Но ведь это и есть главная - вероятно, даже надо сказать, единственная - задача фантастики. Иначе что же получается: если писатель борется с помощью фантастики за решение больших философских проблем, то обращение к ним выводит автоматически его з.а рамки фантастического жанра? Вот здесь-то и проявляется ограниченность наиболее распространенного толкования "научной фантастики". Книги, которые должны были бы занять достойное место в фантастической литературе, оказываются вообще за ее пределами.
Вот еще пример: "Туннель" Бернгарда Келлермана. "Туннель" тоже не фигурирует в списках фантастической литературы. Но ведь это же, несомненно, научная и даже научно-техническая утопия, распространенный в фантастике жанр. Что мешает отнести этот роман к ней? Видимо, опять-таки соображения о том, что в романе Келлермана - широкий социальный фон, точно очерченные образы, не уступающие его героям из нефантастических книг, - словом, то, чего мы не привыкли видеть в обыденной "научной" фантастике. Примерно то же можно сказать об антифашистской утопии Синклера Льюиса "У нас это невозможно".
Еще пример - из советской литературы - "Бегство мистера Мак-Кинли" Леонида Леонова. За исключением статьи И. Роднянской, ни в одном обзоре успехов советской фантастики последнего десятилетия я не нашел даже упоминания об этом политическом памфлете, написанном по всем правилам научно-фантастического жанра. Чего стоит один "коллоидальный газ", например!
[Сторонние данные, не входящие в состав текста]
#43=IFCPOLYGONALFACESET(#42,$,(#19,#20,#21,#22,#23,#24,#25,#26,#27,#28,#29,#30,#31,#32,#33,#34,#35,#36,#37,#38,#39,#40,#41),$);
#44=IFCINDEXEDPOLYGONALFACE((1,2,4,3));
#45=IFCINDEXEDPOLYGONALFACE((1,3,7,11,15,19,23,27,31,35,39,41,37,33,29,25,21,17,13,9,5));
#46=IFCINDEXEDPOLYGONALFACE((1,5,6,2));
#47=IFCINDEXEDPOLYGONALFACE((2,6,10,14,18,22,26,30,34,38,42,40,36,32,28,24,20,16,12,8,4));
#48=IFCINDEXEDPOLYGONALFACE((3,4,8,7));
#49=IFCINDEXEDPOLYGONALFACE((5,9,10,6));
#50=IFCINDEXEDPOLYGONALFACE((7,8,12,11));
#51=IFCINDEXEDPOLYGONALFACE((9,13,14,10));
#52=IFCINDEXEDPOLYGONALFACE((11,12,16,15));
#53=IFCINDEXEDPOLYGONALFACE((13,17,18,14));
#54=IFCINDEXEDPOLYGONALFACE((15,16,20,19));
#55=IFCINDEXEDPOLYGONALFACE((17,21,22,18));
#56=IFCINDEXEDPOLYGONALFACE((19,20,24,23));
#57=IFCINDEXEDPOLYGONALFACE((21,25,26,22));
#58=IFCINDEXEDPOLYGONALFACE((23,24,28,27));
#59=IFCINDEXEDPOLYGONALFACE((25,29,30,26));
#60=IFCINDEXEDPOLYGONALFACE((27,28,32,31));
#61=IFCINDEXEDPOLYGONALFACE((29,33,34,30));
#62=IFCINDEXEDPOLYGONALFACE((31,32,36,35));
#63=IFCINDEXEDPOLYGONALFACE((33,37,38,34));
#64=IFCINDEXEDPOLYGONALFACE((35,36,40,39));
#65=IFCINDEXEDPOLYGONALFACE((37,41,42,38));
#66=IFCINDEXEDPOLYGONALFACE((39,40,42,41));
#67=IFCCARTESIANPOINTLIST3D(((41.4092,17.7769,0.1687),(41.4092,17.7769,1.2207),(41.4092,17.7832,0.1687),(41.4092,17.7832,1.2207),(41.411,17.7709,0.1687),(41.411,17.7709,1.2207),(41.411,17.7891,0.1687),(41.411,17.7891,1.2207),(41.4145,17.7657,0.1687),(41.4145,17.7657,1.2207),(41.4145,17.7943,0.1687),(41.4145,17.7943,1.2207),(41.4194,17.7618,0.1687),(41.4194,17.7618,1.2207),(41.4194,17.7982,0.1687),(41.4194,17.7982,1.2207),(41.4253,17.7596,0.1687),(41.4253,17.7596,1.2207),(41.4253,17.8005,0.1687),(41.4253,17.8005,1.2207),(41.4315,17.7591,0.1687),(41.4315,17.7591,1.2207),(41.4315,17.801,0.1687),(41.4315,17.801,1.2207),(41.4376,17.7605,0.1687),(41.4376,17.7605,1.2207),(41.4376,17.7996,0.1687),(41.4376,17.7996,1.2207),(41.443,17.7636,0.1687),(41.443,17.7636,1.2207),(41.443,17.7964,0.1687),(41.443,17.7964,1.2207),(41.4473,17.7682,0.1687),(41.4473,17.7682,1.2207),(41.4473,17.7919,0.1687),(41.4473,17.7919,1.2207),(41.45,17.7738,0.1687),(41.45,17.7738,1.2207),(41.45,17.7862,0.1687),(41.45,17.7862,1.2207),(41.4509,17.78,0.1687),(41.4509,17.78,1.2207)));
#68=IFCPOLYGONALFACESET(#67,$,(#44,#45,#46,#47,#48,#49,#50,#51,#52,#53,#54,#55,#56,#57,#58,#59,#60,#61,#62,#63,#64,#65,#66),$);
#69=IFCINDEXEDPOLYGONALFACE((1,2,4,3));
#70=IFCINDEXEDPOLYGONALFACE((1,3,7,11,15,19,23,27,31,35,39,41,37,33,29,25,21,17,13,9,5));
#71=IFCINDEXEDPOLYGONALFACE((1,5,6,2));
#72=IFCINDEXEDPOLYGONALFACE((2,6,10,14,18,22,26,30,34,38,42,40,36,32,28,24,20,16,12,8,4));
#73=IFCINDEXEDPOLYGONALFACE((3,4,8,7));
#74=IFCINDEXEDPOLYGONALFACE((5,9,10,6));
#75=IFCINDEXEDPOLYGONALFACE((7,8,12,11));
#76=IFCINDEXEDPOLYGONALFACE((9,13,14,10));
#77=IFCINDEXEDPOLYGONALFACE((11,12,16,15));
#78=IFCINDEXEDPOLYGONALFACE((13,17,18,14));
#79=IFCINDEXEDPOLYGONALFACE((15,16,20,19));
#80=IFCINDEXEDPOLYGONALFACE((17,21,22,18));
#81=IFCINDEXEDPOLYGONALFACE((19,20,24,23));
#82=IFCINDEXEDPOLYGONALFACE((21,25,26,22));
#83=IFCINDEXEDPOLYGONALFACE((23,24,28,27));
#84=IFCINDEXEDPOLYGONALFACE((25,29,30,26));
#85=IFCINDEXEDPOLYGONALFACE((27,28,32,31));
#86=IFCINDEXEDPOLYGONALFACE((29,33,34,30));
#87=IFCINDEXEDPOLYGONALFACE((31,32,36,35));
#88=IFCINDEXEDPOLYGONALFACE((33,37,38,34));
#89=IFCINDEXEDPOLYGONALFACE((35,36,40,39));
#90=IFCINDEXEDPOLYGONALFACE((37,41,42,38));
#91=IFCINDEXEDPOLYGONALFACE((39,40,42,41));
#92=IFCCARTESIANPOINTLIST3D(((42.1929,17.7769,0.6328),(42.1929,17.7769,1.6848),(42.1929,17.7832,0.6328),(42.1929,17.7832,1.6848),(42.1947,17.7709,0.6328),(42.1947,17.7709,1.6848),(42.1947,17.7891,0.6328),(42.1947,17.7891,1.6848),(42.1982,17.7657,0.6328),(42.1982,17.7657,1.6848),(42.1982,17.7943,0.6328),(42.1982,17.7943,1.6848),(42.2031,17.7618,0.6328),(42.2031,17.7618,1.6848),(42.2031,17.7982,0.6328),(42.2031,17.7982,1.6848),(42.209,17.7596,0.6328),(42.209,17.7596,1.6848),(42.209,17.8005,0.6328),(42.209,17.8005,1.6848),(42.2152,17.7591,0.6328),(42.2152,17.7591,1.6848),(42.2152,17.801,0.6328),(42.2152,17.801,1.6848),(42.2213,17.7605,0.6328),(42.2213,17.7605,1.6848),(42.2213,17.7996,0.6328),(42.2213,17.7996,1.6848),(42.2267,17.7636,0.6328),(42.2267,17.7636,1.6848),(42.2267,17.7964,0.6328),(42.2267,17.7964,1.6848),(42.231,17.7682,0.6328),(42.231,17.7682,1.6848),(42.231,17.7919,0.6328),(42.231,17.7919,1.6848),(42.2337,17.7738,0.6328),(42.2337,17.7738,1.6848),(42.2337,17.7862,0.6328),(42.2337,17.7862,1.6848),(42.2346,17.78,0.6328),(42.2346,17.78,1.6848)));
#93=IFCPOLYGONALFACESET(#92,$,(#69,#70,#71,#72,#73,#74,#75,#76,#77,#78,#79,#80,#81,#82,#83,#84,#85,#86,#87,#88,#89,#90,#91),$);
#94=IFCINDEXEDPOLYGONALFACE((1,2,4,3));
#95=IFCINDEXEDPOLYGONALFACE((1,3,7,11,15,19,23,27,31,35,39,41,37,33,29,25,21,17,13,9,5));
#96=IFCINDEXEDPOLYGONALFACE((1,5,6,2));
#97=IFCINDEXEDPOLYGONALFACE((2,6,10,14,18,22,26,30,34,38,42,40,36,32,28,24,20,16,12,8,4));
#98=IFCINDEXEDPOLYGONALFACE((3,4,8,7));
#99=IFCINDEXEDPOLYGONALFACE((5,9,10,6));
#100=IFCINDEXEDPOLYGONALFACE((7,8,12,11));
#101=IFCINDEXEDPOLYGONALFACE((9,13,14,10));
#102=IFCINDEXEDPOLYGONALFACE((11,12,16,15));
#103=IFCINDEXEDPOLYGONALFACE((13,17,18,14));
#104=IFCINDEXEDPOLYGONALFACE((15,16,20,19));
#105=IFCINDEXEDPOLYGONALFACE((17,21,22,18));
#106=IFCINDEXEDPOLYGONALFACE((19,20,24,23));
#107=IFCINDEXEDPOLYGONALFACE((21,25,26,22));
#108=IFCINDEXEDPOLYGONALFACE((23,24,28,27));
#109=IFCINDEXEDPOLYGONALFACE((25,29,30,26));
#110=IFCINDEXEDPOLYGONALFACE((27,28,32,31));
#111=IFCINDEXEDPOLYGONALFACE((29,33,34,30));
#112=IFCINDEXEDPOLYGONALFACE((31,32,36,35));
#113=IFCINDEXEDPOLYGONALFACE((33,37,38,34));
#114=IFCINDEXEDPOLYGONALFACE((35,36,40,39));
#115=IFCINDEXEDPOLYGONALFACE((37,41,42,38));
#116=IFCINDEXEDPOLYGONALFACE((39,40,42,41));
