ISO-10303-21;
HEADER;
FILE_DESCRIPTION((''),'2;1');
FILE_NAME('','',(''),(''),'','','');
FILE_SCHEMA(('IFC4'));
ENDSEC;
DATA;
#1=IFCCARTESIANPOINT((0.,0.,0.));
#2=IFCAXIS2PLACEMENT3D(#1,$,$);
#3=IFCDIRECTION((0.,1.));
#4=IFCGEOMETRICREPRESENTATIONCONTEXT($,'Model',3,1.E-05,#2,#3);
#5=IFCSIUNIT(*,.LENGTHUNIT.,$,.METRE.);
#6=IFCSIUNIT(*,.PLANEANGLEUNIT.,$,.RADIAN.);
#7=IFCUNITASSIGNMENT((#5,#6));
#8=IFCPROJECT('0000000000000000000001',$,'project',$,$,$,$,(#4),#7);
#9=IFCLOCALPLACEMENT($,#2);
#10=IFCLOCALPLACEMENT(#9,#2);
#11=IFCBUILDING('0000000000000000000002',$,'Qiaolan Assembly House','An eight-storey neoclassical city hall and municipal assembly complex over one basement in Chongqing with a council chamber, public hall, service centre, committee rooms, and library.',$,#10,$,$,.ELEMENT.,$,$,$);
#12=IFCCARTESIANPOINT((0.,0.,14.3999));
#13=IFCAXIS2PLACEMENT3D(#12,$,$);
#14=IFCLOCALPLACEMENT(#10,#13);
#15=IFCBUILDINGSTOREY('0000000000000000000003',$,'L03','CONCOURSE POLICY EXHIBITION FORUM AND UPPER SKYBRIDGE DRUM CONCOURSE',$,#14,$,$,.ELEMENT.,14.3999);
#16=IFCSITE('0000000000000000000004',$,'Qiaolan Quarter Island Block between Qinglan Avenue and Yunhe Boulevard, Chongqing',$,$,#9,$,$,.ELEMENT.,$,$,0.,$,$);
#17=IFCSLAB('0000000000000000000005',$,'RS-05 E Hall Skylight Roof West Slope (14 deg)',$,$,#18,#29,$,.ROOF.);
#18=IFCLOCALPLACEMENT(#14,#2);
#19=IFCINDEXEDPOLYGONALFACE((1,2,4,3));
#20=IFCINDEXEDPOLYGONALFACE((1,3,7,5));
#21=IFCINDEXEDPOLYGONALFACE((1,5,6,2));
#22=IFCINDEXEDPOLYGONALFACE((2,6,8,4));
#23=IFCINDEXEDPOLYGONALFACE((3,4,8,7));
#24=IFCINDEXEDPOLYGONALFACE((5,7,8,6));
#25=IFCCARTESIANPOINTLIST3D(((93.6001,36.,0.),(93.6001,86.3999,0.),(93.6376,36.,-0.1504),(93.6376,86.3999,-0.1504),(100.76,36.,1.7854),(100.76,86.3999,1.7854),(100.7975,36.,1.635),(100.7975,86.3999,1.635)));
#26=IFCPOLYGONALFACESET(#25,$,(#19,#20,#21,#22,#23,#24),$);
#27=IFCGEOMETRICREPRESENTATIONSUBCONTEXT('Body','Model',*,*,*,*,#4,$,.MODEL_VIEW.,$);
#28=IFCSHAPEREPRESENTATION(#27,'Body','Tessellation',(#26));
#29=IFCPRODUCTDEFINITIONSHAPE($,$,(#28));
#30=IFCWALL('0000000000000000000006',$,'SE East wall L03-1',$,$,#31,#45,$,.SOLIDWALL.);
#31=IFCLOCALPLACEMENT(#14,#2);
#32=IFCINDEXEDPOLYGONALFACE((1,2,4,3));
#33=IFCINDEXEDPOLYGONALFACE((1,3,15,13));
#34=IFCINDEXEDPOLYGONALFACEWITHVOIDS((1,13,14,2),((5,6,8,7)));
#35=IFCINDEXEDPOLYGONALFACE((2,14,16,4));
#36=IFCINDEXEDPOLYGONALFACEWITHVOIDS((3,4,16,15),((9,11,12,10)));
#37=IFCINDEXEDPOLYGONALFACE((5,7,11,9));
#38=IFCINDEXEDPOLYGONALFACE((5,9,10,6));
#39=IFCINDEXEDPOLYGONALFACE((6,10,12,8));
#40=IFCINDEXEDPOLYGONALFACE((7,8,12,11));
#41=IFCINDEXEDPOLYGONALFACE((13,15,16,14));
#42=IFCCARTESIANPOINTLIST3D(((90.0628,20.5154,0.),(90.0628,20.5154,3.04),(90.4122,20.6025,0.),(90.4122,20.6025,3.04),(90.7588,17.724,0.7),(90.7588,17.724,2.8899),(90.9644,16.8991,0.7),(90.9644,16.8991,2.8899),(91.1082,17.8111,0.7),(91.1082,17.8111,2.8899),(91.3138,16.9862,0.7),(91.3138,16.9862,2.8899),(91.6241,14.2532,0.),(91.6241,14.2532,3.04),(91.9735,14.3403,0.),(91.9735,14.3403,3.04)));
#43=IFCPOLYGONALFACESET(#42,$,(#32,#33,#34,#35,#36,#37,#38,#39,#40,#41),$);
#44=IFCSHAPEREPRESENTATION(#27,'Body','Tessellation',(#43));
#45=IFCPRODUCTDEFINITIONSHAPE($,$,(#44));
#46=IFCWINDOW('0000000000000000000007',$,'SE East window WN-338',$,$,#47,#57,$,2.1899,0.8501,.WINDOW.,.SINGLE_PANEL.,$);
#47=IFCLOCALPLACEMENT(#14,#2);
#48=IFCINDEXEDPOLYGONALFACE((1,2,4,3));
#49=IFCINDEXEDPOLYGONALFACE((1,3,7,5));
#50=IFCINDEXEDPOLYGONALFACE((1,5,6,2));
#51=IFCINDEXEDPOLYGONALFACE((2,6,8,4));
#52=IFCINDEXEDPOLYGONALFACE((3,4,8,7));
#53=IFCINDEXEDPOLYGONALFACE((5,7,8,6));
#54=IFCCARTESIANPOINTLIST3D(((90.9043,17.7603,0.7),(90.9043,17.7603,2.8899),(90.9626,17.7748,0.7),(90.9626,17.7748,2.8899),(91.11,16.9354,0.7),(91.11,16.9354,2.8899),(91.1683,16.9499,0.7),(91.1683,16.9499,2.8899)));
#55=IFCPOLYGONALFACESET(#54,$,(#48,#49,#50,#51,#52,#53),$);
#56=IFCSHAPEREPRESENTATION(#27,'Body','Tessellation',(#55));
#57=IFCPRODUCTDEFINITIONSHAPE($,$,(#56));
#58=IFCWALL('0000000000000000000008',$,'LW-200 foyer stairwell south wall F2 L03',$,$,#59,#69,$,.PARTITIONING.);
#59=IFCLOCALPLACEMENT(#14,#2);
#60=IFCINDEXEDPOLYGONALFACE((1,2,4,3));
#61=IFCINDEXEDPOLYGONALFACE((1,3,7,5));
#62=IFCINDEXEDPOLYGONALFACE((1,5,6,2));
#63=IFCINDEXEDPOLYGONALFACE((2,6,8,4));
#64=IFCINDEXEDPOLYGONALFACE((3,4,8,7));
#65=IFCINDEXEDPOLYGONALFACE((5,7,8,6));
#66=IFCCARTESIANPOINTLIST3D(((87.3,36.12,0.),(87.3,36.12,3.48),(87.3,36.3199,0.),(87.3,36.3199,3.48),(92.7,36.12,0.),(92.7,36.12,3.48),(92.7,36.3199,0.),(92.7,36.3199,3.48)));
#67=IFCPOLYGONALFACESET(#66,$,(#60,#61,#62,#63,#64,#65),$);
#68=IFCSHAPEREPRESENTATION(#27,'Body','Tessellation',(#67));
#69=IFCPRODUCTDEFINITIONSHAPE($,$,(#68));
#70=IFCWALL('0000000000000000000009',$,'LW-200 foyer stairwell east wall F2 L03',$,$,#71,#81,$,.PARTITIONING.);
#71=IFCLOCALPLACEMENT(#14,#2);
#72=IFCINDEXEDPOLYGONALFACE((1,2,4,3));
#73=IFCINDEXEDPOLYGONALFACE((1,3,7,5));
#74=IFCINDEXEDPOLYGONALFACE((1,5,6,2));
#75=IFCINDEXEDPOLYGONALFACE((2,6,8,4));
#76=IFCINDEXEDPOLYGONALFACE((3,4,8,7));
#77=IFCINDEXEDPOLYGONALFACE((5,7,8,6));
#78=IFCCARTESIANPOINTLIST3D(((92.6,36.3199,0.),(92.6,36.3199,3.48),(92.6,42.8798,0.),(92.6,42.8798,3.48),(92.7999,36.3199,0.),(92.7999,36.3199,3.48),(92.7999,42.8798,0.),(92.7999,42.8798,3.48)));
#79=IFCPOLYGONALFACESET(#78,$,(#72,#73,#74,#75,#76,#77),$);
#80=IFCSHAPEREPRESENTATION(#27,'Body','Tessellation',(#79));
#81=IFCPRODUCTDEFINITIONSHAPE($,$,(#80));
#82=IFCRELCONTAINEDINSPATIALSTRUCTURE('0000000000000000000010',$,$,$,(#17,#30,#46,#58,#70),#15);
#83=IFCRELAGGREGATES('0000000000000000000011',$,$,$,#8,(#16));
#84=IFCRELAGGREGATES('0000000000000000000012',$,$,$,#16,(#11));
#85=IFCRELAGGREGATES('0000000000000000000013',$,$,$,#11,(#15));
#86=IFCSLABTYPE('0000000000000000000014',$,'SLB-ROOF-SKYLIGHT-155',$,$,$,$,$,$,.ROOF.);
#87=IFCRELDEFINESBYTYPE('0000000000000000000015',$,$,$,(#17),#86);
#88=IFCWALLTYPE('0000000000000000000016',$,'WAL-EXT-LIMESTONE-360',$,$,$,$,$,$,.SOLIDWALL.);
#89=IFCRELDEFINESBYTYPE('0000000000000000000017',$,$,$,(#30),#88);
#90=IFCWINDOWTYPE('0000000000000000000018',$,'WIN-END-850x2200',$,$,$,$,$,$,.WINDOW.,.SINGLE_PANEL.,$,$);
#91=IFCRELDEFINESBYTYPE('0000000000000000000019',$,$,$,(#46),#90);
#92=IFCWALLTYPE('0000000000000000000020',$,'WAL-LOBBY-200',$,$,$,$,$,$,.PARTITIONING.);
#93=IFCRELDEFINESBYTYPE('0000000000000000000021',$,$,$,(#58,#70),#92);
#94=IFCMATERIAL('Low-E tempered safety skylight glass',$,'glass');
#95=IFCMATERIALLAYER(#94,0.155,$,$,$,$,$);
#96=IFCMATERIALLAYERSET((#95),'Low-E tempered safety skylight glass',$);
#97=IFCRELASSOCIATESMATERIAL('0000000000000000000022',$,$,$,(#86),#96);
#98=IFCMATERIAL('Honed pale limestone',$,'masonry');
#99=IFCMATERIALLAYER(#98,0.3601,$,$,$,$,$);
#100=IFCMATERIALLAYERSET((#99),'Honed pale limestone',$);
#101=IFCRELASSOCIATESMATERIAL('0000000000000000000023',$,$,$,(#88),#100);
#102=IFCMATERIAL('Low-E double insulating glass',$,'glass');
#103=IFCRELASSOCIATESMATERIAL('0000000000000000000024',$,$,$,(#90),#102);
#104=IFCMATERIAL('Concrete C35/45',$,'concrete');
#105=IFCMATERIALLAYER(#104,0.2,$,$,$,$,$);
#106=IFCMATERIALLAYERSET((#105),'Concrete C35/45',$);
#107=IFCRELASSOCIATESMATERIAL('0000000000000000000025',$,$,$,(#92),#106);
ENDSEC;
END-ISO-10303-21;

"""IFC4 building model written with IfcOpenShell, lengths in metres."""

from ifc_helpers import new_model, si_unit, direction, frame, frame_2d, origin, place, context, subcontext, project, spatial, polyline, rectangle, outline, extrude, material, layer, layer_set, type_object, element, fill, save


model = new_model("IFC4")

# Units and contexts
model_context = context("Model", 3, precision=1e-05, world=origin(), true_north=direction((0.0, 1.0)))
body_context = subcontext(model_context, "Body", "Model", "MODEL_VIEW")
ifc_project = project(units=[si_unit("LENGTHUNIT", "METRE"), si_unit("PLANEANGLEUNIT", "RADIAN")], contexts=[model_context])

# Site, building, storey
site_placement = place(None, origin())
site = spatial("IfcSite", under=ifc_project, at=site_placement, Name="Qiaolan Quarter Island Block between Qinglan Avenue and Yunhe Boulevard, Chongqing", CompositionType="ELEMENT", RefElevation=0.0)
building_placement = place(site_placement, origin())
building = spatial("IfcBuilding", under=site, at=building_placement, Name="Qiaolan Assembly House", Description="An eight-storey neoclassical city hall and municipal assembly complex over one basement in Chongqing with a council chamber, public hall, service centre, committee rooms, and library.", CompositionType="ELEMENT")
storey_placement = place(building_placement, frame((0.0, 0.0, 14.3999)))
storey = spatial("IfcBuildingStorey", under=building, at=storey_placement, Name="L03", Description="CONCOURSE POLICY EXHIBITION FORUM AND UPPER SKYBRIDGE DRUM CONCOURSE", CompositionType="ELEMENT", Elevation=14.3999)

# Shared definitions
ifc_material_1 = material(Name="Low-E double insulating glass", Category="glass")

# Slab
ifc_material_2 = material(Name="Low-E tempered safety skylight glass", Category="glass")
ifc_layer_1 = layer(ifc_material_2, 0.155)
ifc_layer_set_1 = layer_set([ifc_layer_1], Name="Low-E tempered safety skylight glass")
slab_type = type_object("IfcSlabType", Name="SLB-ROOF-SKYLIGHT-155", PredefinedType="ROOF", material=ifc_layer_set_1)
slab_placement = place(storey_placement, frame((93.6001, 36.0, 0.0), z_axis=(-0.241952, 0.0, 0.970288), x_axis=(0.970288, 0.0, 0.241952)))
element("IfcSlab", 1, at=slab_placement, inside=storey, type_object=slab_type, Name="RS-05 E Hall Skylight Roof West Slope (14 deg)", PredefinedType="ROOF", context=body_context, shape_type="SweptSolid", body=[
    extrude(outline(polyline([(0.0, 0.0), (7.3792, 0.0), (7.3792, 50.3999), (0.0, 50.3999), (0.0, 0.0)])), origin(), (0.0, 0.0, -1.0), 0.155),
])

# Wall, opening, window
ifc_material_3 = material(Name="Honed pale limestone", Category="masonry")
ifc_layer_2 = layer(ifc_material_3, 0.3601)
ifc_layer_set_2 = layer_set([ifc_layer_2], Name="Honed pale limestone")
wall_type_1 = type_object("IfcWallType", Name="WAL-EXT-LIMESTONE-360", PredefinedType="SOLIDWALL", material=ifc_layer_set_2)
wall_1_placement = place(storey_placement, frame((91.7988, 14.2966, 0.0), z_axis=(0.0, 0.0, 1.0), x_axis=(-0.241913, 0.970298, 0.0)))
wall_1 = element("IfcWall", 2, at=wall_1_placement, inside=storey, type_object=wall_type_1, Name="SE East wall L03-1", PredefinedType="SOLIDWALL", context=body_context, shape_type="SweptSolid", body=[
    extrude(rectangle(XDim=6.4539, YDim=0.3601, at=frame_2d((3.2271, 0.0))), origin(), (0.0, 0.0, 1.0), 3.04),
])
opening_placement = place(wall_1_placement, frame((2.7271, 0.0, 0.7)))
opening = element("IfcOpeningElement", 3, at=opening_placement, cuts=wall_1, PredefinedType="OPENING", context=body_context, shape_type="SweptSolid", body=[
    extrude(rectangle(XDim=0.8501, YDim=2.1899, at=frame_2d((0.425, 1.095))), frame((0.0, 0.1899, 0.0), z_axis=(0.0, -1.0, 0.0), x_axis=(1.0, 0.0, 0.0)), (0.0, 0.0, 1.0), 0.3801),
])
window_type = type_object("IfcWindowType", Name="WIN-END-850x2200", PartitioningType="SINGLE_PANEL", PredefinedType="WINDOW", material=ifc_material_1)
window_placement = place(opening_placement, origin())
window = element("IfcWindow", 4, at=window_placement, inside=storey, type_object=window_type, Name="SE East window WN-338", OverallHeight=2.1899, OverallWidth=0.8501, PartitioningType="SINGLE_PANEL", PredefinedType="WINDOW", context=body_context, shape_type="SweptSolid", body=[
    extrude(rectangle(XDim=0.8501, YDim=2.1899, at=frame_2d((0.425, 1.095))), frame((0.0, 0.03, 0.0), z_axis=(0.0, -1.0, 0.0), x_axis=(1.0, 0.0, 0.0)), (0.0, 0.0, 1.0), 0.0601),
])
fill(opening, window)

# Walls
ifc_material_4 = material(Name="Concrete C35/45", Category="concrete")
ifc_layer_3 = layer(ifc_material_4, 0.2)
ifc_layer_set_3 = layer_set([ifc_layer_3], Name="Concrete C35/45")
wall_type_2 = type_object("IfcWallType", Name="WAL-LOBBY-200", PredefinedType="PARTITIONING", material=ifc_layer_set_3)
wall_2_placement = place(storey_placement, frame((92.7, 36.22, 0.0), z_axis=(0.0, 0.0, 1.0), x_axis=(-1.0, 0.0, 0.0)))
element("IfcWall", 5, at=wall_2_placement, inside=storey, type_object=wall_type_2, Name="LW-200 foyer stairwell south wall F2 L03", PredefinedType="PARTITIONING", context=body_context, shape_type="SweptSolid", body=[
    extrude(rectangle(XDim=5.3999, YDim=0.2, at=frame_2d((2.7, 0.0))), origin(), (0.0, 0.0, 1.0), 3.48),
])
wall_3_placement = place(storey_placement, frame((92.7, 36.3201, 0.0), z_axis=(0.0, 0.0, 1.0), x_axis=(0.0, 1.0, 0.0)))
element("IfcWall", 6, at=wall_3_placement, inside=storey, type_object=wall_type_2, Name="LW-200 foyer stairwell east wall F2 L03", PredefinedType="PARTITIONING", context=body_context, shape_type="SweptSolid", body=[
    extrude(rectangle(XDim=6.5598, YDim=0.2, at=frame_2d((3.2798, 0.0))), origin(), (0.0, 0.0, 1.0), 3.48),
])

save(model, "model.ifc")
Может быть, само имя Леонова препятствует? Леонов и научная фантастика, совместимые ли это понятия? Но вспомним "Дорогу на океан", вспомним романтическую утопию в лирических отступлениях этого романа, вспомним великолепный образ Океана - вместилища будущего, которым освящены и осмыслены поступки наших современников, строящих это будущее. Леонов, например, предсказал полет космонавтов, хотя его утопия, конечно, отмечена печатью сурового предвоенного десятилетия.
Остается предположить, что отнести "Бегство мистера Мак-Кинли" к фантастике опять-таки препятствует непривычный в этом виде литературы психологизм, близкий к Достоевскому.
Все это наводит на такое соображение: не слишком ли мы занаучили нашу бедную фантастику, ограничивая "Человеком-амфибией" ее воздействие на литературу? Не превратили ли мы сами ее в некий клуб для избранных, куда закрыт доступ высшему литературному обществу? Не скучно ли танцевать в таком клубе одним научным Золушкам без изящных принцев?
Конечно, роль и место фантастического элемента в произведении различны. Все зависит от того, насколько органично такой элемент входит в художественную ткань произведения. Это, собственно говоря, и определяет: признавать данное произведение фантастикой или не признавать.